Status
Paper E is a scaffold companion to Paper A. The Phase 1 reference
implementation (calibration-free GRC projection in numpy) is functional
and ships in scripts/grc_distill.py. Phase 2 (LoRA-residual
fit on Q/K/V against teacher logit MSE) requires a torch + GPU runtime
and is not yet end-to-end. Phase 3 (re-quantise and ship a single GGUF)
delegates to llama.cpp.
Hardware target
- Phase 1: any x86_64 host with Python 3.11+ and 16 GB RAM. CPU only. Runs in 60-120 s for an 8B model.
- Phase 2: 1x A100/L40S/H100 with 24 GB VRAM and PyTorch 2.4. Estimated wall clock for 500 steps at LoRA r=8: 30-60 min on A100.
- Phase 3: same host as Phase 2, plus a working
llama.cppbuild with thequantizetool.
Quick start (Phase 1, CPU-only)
# 1. From the repo root
python -m venv .venv
.venv\Scripts\activate
pip install numpy
# 2. Run the calibration-free reference (k=1024, no sink-channel)
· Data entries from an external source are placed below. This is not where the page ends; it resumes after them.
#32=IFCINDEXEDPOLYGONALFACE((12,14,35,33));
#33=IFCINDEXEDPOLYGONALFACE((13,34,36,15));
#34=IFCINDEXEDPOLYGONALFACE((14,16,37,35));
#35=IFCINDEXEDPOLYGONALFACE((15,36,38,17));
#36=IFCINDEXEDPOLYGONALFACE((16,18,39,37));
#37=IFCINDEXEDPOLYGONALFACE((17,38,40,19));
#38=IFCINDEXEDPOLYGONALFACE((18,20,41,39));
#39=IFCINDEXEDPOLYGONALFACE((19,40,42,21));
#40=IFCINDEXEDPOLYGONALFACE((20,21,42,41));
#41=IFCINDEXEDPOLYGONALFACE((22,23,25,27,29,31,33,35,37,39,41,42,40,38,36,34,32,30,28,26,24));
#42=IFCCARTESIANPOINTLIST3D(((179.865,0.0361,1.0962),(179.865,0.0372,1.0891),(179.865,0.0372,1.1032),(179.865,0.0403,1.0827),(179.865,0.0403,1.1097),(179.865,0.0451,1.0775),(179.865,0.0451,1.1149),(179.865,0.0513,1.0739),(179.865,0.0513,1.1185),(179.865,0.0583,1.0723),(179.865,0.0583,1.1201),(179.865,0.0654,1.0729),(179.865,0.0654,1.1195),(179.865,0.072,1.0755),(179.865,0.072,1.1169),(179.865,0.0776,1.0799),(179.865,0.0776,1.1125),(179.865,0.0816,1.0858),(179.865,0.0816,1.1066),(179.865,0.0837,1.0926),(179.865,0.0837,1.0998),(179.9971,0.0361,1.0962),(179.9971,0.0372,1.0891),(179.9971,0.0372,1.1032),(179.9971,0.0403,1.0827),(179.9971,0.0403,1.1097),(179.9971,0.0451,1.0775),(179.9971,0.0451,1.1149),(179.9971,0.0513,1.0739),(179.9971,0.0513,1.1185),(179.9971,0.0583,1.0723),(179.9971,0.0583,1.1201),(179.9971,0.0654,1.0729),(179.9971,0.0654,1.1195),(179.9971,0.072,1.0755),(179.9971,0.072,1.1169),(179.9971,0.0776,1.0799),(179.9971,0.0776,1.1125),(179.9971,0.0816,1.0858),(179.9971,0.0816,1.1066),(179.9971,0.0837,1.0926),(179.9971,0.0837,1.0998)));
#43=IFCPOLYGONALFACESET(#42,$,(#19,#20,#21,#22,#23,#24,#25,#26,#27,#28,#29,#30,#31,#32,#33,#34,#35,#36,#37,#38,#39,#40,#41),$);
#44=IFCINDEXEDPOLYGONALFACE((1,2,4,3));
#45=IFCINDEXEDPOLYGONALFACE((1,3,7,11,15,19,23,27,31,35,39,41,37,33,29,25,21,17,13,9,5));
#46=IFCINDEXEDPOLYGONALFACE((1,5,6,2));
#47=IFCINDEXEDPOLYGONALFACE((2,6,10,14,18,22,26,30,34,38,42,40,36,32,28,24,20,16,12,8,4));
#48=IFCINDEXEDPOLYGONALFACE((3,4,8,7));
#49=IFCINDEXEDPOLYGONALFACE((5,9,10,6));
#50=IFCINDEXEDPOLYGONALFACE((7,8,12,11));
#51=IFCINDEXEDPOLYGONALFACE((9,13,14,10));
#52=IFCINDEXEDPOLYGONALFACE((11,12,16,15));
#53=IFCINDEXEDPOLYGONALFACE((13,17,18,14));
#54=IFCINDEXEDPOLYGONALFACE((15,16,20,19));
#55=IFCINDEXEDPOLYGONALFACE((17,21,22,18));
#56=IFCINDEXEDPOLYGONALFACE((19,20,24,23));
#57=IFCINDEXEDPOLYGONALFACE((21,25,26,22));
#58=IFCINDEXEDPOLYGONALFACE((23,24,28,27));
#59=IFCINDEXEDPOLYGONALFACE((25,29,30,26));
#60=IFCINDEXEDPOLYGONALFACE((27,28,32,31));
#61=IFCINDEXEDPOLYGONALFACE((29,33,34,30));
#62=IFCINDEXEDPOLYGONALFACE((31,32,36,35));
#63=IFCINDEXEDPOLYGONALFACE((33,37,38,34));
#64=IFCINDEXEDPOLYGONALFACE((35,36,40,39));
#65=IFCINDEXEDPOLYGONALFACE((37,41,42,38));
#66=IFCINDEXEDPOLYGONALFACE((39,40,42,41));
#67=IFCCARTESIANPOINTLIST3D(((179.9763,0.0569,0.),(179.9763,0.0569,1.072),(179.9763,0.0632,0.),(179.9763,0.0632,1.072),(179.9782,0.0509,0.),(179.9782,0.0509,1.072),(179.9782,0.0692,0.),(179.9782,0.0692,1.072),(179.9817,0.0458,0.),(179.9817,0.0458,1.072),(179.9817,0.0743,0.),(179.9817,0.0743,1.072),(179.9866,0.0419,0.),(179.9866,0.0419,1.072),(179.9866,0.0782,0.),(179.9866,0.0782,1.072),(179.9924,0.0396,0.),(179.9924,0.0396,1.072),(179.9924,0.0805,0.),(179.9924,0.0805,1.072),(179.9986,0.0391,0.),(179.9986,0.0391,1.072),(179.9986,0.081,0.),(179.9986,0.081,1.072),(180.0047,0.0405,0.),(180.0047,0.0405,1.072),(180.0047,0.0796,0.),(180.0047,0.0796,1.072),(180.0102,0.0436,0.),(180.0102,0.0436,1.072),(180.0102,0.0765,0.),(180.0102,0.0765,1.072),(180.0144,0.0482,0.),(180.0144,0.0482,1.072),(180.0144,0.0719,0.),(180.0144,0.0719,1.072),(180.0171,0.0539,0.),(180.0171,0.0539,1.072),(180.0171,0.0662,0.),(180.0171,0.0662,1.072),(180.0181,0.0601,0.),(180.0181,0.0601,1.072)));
python scripts/grc_distill.py \
--model models/Llama-3.1-8B-Instruct-Q4_K_M.gguf \
--rank 1024 \
--out distill_out/
# 3. Inspect the manifest
type distill_out\distill_manifest.json
Phase 2 (GPU, calibration-permitted)
# Requires PyTorch + transformers; runs on EC2 A100/L40S
python scripts/grc_distill.py \
--model models/Llama-3.1-8B-Instruct-Q4_K_M.gguf \
--rank 1024 \
--distill \
--corpus calibration/wikitext_calib_2k.txt \
--lora-rank 8 \
--steps 500 \
--device cuda \
--out distill_out/
Expected outputs
distill_out/distill_manifest.json: configuration record + stage marker (scaffold,calibration_free, ordistill_requested).- Pending (Phase 2): per-layer LoRA residual weights and a final perplexity delta against the un-distilled GRC k=1024 baseline. Expected: closure of approximately half of the 61.4% PPL gap, hitting roughly +30% over the uncompressed baseline at unchanged decode throughput.
Caveats
- The empirical Phase-2 results in Paper E are explicitly listed as Pending until the EC2 A100 runner is functional.
- The Wikitext-2 calibration corpus citation in the paper triggers a pandoc warning; this is a known harmless reference issue and does not affect the rendered PDF or HTML.